Things are still shaking out, but this looks more like the end of artificial gatekeeping and the opening up of an industry to talent, not the end of “professionalism.”
Granted. I fail to see how multiplying the denominator of that ratio by many further dozens is an improvement.
I hope so. But as the estimable Cuba would say, show me the money.
If you think film criticism in the old media is in trouble, ha! that’s nothing compared to classical music/opera/ballet criticism. This week saw the truly excellent Tim Mangan get his online gig with the Orange County (CA) Register axed. When I first started reading Mr. Mangan’s work in the Los Angeles Times in the mid-70′s, he was one of 3 full time classical/opera critics at the Times and there was a full-time dance critic as well, totally unthinkable today.
Since classical/opera/dance criticism takes a much wider breadth of knowledge to be acceptable than film criticism does, it’s a big loss for those of us who like to read good criticism and/or are looking for hints about whether to spend money on yet another performance of Beethoven’s Fifth.
That (mistaken) attitude is part of the problem film critics face.
There is in fact good music and dance criticism to be found on the web, as critics in those fields who have lost their paying print jobs migrate online to gigs that pay less or nothing at all.
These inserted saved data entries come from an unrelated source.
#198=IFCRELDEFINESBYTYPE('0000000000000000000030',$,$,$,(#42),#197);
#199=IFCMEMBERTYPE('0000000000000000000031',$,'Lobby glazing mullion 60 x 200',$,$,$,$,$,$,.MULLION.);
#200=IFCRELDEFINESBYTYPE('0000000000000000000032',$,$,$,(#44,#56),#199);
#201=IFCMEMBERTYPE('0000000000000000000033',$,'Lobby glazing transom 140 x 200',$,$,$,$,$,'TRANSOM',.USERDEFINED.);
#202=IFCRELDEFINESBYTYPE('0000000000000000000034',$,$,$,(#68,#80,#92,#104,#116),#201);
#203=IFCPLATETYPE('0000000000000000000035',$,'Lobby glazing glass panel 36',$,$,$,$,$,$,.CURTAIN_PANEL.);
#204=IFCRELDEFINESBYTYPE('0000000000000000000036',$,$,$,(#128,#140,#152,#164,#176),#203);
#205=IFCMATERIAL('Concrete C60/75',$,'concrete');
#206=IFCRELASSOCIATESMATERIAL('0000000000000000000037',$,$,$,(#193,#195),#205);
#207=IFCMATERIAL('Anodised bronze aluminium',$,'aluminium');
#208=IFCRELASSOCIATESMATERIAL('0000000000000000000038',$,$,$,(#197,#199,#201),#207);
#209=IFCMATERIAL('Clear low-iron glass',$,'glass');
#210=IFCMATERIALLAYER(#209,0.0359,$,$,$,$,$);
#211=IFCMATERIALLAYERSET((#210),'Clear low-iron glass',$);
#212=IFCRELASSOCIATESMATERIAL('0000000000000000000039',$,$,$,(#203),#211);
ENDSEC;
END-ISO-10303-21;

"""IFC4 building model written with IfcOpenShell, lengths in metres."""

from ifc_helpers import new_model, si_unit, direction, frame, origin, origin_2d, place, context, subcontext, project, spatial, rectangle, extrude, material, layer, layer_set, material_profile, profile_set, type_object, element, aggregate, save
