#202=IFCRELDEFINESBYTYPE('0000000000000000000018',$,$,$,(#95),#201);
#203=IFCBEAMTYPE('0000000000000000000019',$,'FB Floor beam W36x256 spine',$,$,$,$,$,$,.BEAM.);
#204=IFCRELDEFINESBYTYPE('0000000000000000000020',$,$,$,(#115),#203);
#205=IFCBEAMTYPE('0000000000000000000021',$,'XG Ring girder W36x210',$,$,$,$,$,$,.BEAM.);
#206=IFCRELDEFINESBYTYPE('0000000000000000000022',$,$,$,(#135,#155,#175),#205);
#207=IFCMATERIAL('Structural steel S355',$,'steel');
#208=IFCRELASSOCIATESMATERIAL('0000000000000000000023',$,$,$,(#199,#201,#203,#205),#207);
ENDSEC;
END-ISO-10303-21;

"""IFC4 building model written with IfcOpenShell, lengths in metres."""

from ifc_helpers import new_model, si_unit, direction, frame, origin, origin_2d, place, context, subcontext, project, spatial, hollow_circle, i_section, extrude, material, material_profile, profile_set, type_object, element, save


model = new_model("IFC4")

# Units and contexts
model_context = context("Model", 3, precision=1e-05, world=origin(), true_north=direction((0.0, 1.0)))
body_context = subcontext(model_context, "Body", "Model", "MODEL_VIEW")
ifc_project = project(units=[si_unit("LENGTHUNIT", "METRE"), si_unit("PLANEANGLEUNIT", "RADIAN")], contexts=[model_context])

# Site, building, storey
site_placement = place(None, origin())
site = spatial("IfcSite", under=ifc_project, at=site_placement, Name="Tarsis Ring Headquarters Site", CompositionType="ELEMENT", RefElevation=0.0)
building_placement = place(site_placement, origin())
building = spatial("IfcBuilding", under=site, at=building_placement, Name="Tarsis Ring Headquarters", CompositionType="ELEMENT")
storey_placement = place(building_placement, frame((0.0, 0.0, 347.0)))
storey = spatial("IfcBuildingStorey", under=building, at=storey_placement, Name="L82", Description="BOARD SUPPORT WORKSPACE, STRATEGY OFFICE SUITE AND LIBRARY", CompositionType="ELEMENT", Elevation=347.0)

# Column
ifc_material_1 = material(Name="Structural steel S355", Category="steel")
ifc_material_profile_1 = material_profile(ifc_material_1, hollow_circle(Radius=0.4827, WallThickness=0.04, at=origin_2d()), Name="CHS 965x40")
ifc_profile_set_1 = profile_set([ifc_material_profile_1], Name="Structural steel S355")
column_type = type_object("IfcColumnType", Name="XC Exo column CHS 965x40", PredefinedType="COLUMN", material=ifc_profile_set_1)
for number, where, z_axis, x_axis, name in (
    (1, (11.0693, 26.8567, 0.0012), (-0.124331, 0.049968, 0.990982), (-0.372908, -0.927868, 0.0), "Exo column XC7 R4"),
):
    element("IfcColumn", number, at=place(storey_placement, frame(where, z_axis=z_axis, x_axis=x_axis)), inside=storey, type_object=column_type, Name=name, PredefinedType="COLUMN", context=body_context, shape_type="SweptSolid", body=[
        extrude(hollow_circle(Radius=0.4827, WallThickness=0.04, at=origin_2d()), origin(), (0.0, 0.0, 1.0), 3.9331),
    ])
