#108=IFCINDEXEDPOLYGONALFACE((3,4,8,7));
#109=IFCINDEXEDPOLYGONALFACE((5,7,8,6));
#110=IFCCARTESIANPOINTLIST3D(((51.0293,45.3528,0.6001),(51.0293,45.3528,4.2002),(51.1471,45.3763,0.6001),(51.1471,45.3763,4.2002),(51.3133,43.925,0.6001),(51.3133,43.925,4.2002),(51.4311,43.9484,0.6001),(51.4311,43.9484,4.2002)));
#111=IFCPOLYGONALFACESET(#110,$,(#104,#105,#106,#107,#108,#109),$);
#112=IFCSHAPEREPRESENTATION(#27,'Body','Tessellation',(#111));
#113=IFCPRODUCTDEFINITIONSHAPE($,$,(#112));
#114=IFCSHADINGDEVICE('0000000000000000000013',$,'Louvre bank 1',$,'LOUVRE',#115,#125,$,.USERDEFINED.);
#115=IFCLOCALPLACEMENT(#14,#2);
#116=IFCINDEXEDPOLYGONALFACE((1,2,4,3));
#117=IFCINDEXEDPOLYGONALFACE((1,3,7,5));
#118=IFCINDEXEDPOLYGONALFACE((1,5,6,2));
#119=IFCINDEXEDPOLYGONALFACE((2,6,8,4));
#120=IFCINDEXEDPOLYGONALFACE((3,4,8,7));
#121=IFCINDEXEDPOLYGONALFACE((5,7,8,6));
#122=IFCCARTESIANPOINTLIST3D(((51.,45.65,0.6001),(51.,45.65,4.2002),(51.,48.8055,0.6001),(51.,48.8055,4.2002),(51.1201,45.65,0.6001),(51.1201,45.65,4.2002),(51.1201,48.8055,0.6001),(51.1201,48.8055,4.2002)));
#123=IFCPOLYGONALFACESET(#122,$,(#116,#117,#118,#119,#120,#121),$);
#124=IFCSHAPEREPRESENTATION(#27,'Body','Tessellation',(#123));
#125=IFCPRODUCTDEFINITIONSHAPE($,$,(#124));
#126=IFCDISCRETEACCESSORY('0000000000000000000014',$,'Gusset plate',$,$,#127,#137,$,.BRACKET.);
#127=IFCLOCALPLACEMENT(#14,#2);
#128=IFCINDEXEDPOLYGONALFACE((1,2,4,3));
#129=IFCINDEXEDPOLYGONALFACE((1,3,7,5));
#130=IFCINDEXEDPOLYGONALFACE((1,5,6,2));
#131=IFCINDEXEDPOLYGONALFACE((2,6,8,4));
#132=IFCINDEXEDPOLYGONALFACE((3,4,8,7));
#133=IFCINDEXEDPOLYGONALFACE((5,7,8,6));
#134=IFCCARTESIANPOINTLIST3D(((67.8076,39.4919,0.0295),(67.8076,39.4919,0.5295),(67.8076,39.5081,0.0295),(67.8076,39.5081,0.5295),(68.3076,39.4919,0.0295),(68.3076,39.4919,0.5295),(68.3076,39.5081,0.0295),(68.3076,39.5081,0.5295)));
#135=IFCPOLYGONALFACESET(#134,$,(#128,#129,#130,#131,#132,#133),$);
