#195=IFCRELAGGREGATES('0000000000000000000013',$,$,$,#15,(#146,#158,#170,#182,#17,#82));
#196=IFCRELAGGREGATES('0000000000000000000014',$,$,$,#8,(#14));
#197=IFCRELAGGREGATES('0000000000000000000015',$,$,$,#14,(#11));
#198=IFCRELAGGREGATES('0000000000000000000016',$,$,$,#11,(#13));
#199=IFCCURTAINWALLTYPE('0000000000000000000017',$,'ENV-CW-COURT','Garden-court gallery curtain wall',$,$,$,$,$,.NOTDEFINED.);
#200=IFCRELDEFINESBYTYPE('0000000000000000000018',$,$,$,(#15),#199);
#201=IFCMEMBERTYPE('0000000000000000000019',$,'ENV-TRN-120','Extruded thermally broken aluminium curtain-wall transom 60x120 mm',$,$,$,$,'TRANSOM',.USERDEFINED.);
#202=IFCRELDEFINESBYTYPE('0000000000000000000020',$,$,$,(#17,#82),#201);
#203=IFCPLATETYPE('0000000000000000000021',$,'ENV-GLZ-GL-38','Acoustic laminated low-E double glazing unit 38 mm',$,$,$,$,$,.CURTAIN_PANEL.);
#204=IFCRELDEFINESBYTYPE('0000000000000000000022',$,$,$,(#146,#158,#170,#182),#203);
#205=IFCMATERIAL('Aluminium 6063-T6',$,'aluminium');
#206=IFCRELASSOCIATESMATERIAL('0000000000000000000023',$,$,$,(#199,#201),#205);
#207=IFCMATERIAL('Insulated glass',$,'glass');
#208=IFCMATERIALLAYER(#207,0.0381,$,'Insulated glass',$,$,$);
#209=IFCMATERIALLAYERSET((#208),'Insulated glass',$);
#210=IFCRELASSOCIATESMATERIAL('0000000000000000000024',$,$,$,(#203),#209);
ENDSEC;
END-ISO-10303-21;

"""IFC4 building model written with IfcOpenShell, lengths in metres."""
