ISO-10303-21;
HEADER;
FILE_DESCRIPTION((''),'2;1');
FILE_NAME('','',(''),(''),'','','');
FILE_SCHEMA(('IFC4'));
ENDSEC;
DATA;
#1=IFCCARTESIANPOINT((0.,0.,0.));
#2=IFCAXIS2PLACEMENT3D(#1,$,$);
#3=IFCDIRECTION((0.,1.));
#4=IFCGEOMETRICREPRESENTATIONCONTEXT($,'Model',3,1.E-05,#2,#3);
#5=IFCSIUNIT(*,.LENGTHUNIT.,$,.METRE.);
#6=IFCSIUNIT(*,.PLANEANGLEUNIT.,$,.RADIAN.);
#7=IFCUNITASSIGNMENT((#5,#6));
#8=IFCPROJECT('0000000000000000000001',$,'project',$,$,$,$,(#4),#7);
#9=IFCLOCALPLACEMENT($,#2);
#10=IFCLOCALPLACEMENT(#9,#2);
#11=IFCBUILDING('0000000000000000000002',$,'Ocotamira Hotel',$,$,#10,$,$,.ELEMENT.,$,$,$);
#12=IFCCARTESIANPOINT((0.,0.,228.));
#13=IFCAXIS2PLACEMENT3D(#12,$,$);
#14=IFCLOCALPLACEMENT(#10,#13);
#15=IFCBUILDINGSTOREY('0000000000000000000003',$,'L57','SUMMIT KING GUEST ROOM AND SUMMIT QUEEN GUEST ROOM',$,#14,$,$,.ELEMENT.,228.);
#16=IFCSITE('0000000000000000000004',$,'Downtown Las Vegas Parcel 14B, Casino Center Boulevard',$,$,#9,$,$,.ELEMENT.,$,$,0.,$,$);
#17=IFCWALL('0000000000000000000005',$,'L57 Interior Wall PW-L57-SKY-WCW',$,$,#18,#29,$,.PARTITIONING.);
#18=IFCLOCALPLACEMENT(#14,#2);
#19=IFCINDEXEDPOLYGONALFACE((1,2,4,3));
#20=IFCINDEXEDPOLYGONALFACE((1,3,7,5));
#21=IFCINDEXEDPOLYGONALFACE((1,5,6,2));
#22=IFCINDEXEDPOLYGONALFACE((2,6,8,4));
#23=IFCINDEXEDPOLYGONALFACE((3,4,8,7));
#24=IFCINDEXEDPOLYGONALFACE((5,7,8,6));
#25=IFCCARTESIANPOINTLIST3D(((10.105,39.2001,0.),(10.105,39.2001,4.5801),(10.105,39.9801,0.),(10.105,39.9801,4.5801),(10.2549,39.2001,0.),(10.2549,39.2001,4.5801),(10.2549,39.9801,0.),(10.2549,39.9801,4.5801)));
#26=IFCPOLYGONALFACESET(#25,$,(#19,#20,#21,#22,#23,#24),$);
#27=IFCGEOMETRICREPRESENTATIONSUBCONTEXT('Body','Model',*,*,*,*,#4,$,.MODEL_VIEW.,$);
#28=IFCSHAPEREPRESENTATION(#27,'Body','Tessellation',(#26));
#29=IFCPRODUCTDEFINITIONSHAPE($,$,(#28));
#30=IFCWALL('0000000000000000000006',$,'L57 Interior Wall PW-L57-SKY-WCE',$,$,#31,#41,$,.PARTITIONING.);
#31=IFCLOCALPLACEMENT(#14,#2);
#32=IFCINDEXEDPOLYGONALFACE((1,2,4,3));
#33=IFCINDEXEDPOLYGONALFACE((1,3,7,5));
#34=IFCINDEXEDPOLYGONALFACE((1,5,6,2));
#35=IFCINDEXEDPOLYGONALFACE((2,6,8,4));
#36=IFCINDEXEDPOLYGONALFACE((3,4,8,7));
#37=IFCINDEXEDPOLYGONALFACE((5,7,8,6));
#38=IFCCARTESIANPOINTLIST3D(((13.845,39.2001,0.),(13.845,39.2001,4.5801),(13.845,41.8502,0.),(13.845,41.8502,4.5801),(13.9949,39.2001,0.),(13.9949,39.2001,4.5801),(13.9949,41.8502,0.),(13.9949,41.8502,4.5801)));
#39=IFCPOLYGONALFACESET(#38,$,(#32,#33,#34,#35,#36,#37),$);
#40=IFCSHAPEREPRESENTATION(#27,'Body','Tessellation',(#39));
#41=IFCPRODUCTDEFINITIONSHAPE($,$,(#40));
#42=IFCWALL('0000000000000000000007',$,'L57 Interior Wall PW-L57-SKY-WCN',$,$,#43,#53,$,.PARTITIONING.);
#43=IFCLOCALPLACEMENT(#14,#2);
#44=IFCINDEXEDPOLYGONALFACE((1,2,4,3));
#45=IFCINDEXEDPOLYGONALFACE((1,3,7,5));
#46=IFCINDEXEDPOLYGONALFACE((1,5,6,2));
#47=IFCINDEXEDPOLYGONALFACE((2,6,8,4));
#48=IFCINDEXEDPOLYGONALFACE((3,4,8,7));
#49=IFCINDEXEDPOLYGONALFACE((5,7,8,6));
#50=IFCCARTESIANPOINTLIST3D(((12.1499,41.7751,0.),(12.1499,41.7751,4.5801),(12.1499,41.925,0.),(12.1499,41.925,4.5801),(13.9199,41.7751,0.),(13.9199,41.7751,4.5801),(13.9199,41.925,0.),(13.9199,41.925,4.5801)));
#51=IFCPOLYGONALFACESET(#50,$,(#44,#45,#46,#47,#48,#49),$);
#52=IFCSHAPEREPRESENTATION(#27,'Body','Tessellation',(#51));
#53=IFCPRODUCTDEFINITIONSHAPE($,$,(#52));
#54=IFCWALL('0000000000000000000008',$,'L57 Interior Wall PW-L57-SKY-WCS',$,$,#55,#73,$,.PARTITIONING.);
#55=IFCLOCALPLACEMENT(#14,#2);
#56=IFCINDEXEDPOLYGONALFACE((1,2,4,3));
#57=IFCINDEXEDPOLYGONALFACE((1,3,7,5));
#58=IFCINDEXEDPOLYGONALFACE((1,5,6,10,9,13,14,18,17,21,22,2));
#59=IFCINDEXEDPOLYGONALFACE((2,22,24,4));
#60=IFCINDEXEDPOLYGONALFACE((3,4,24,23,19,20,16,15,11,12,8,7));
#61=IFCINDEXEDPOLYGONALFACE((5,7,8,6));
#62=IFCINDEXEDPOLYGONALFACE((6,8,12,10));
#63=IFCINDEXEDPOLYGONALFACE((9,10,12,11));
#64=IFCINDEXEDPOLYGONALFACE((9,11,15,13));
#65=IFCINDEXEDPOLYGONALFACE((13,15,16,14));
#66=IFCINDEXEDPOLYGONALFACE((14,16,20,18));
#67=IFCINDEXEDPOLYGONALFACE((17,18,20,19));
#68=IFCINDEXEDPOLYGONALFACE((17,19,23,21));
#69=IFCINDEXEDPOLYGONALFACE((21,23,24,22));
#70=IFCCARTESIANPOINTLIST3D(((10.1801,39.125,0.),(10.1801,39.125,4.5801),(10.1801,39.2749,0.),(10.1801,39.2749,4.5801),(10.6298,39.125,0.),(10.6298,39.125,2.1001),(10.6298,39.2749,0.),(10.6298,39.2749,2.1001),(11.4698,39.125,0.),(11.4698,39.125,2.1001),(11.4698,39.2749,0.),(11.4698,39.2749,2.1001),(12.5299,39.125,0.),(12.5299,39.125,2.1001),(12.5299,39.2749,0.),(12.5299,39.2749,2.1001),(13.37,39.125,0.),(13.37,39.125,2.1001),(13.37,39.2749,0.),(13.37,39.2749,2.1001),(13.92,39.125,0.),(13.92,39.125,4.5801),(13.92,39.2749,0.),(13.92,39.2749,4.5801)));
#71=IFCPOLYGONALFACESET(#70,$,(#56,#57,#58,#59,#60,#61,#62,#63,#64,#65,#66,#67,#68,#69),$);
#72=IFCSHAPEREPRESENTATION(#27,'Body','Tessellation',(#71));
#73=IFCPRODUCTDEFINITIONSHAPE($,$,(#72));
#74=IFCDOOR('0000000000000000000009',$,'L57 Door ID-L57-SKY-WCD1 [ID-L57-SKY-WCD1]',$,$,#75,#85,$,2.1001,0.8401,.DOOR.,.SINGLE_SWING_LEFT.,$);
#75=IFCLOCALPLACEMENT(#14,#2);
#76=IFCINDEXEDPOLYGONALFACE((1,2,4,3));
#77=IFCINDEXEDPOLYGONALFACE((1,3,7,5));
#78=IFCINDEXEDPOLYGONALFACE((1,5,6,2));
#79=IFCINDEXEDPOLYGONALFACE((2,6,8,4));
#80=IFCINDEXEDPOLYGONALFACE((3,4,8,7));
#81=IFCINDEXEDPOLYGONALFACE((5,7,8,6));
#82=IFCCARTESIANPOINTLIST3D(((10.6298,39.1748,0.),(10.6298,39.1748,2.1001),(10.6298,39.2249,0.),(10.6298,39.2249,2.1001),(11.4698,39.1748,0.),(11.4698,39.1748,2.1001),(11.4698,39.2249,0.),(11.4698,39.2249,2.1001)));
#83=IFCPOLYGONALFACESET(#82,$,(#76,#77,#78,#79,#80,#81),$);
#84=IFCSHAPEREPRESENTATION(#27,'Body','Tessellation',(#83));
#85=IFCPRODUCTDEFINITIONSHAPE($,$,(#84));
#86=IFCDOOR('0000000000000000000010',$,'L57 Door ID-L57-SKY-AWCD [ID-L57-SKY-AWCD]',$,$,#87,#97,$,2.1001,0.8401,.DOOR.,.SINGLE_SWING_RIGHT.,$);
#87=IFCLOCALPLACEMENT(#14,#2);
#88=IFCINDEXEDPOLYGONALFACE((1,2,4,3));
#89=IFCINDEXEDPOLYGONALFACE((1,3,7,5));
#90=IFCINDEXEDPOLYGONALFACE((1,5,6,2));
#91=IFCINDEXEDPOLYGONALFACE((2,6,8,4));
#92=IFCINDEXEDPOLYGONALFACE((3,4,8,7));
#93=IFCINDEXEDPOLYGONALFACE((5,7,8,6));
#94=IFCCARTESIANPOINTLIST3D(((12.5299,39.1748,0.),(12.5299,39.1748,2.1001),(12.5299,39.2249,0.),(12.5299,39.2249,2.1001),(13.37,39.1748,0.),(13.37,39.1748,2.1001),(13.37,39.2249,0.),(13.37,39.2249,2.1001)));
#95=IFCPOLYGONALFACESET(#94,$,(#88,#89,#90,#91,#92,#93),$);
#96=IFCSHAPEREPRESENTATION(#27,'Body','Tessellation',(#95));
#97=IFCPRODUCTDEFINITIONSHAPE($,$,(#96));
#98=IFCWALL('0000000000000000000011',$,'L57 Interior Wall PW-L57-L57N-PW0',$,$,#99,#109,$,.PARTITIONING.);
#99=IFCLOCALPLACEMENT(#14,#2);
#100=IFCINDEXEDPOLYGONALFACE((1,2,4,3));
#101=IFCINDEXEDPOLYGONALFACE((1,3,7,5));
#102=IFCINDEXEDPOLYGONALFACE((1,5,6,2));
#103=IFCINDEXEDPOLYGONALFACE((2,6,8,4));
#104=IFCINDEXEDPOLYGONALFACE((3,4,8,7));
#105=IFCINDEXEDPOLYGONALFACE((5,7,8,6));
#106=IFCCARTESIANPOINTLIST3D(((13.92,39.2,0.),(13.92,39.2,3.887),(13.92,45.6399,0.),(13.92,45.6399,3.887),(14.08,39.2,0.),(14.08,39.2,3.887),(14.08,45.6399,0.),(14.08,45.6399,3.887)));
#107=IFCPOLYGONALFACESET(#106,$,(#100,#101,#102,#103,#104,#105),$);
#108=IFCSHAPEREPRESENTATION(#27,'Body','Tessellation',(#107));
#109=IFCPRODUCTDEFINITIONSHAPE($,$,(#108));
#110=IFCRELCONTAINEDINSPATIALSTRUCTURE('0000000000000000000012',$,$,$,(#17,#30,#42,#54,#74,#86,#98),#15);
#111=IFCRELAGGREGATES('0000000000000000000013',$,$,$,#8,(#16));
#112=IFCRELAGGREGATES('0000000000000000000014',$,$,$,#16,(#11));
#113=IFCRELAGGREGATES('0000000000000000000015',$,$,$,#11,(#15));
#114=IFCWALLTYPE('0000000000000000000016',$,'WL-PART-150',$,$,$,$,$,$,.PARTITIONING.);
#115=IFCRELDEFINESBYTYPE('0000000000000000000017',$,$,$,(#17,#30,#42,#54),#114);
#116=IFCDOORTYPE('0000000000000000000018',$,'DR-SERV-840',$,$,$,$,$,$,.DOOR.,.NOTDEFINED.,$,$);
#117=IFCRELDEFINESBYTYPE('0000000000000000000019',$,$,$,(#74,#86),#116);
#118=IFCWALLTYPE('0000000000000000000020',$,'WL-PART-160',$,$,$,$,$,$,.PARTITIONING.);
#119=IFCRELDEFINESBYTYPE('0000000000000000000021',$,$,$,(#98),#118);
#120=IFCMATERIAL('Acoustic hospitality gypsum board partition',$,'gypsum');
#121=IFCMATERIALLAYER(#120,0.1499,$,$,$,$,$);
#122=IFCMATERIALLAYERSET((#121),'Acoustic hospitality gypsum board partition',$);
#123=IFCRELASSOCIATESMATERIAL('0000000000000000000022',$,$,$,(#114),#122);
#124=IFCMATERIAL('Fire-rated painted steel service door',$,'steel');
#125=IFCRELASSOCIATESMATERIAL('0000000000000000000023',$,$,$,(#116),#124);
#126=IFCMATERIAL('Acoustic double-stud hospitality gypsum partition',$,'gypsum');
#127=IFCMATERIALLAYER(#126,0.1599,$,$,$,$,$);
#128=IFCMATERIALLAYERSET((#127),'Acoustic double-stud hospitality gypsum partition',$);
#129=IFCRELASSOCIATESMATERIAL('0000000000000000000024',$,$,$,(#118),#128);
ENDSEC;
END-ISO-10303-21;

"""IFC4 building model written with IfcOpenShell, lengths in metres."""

from ifc_helpers import new_model, si_unit, direction, frame, frame_2d, origin, place, context, subcontext, project, spatial, rectangle, extrude, source, transform, mapped, material, layer, layer_set, type_object, element, fill, save


model = new_model("IFC4")

# Units and contexts
model_context = context("Model", 3, precision=1e-05, world=origin(), true_north=direction((0.0, 1.0)))
body_context = subcontext(model_context, "Body", "Model", "MODEL_VIEW")
ifc_project = project(units=[si_unit("LENGTHUNIT", "METRE"), si_unit("PLANEANGLEUNIT", "RADIAN")], contexts=[model_context])

# Site, building, storey
site_placement = place(None, origin())
site = spatial("IfcSite", under=ifc_project, at=site_placement, Name="Downtown Las Vegas Parcel 14B, Casino Center Boulevard", CompositionType="ELEMENT", RefElevation=0.0)
building_placement = place(site_placement, origin())
building = spatial("IfcBuilding", under=site, at=building_placement, Name="Ocotamira Hotel", CompositionType="ELEMENT")
storey_placement = place(building_placement, frame((0.0, 0.0, 228.0)))
storey = spatial("IfcBuildingStorey", under=building, at=storey_placement, Name="L57", Description="SUMMIT KING GUEST ROOM AND SUMMIT QUEEN GUEST ROOM", CompositionType="ELEMENT", Elevation=228.0)

# Walls
ifc_material_1 = material(Name="Acoustic hospitality gypsum board partition", Category="gypsum")
ifc_layer_1 = layer(ifc_material_1, 0.1499)
ifc_layer_set_1 = layer_set([ifc_layer_1], Name="Acoustic hospitality gypsum board partition")
wall_type_1 = type_object("IfcWallType", Name="WL-PART-150", PredefinedType="PARTITIONING", material=ifc_layer_set_1)
wall_1_placement = place(storey_placement, frame((10.1799, 39.2, 0.0), z_axis=(0.0, 0.0, 1.0), x_axis=(0.0, 1.0, 0.0)))
element("IfcWall", 1, at=wall_1_placement, inside=storey, type_object=wall_type_1, Name="L57 Interior Wall PW-L57-SKY-WCW", PredefinedType="PARTITIONING", context=body_context, shape_type="SweptSolid", body=[
    extrude(rectangle(XDim=0.78, YDim=0.1499, at=frame_2d((0.3901, 0.0))), origin(), (0.0, 0.0, 1.0), 4.5801),
])
wall_2_placement = place(storey_placement, frame((13.9199, 39.2, 0.0), z_axis=(0.0, 0.0, 1.0), x_axis=(0.0, 1.0, 0.0)))
element("IfcWall", 2, at=wall_2_placement, inside=storey, type_object=wall_type_1, Name="L57 Interior Wall PW-L57-SKY-WCE", PredefinedType="PARTITIONING", context=body_context, shape_type="SweptSolid", body=[
    extrude(rectangle(XDim=2.6501, YDim=0.1499, at=frame_2d((1.3252, 0.0))), origin(), (0.0, 0.0, 1.0), 4.5801),
])
wall_3_placement = place(storey_placement, frame((12.1499, 41.8501, 0.0), z_axis=(0.0, 0.0, 1.0), x_axis=(1.0, 0.0, 0.0)))
element("IfcWall", 3, at=wall_3_placement, inside=storey, type_object=wall_type_1, Name="L57 Interior Wall PW-L57-SKY-WCN", PredefinedType="PARTITIONING", context=body_context, shape_type="SweptSolid", body=[
    extrude(rectangle(XDim=1.77, YDim=0.1499, at=frame_2d((0.885, 0.0))), origin(), (0.0, 0.0, 1.0), 4.5801),
])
Progress!
Newspapers and magazines are in the business of selling advertising and are only incidentally interested in filing the news hole. It’s not just critics and commentators that are being edged out– actual reporting is too. International and national correspondents will be the last to go. School board and city council coverage, and even the state capitol reportage are more endangered than the Siberian Tiger. Does this mean that journalism is dead? Maybe not, but it certainly means that there needs to be a new economic model. Could blogging replace conventional news reporting? I doubt it. All those automobile ads and supermarket inserts underwrote operations that were pretty expensive. The real issue is whether Google and Yahoo and the like are prepared to recognize the ethical wall that separates content from advertising.
The great age of film critics went the way of good films. We needed Kael for the age of Bergman and Altman. We don’t deserve her like in the age of Transformers and Iron Man.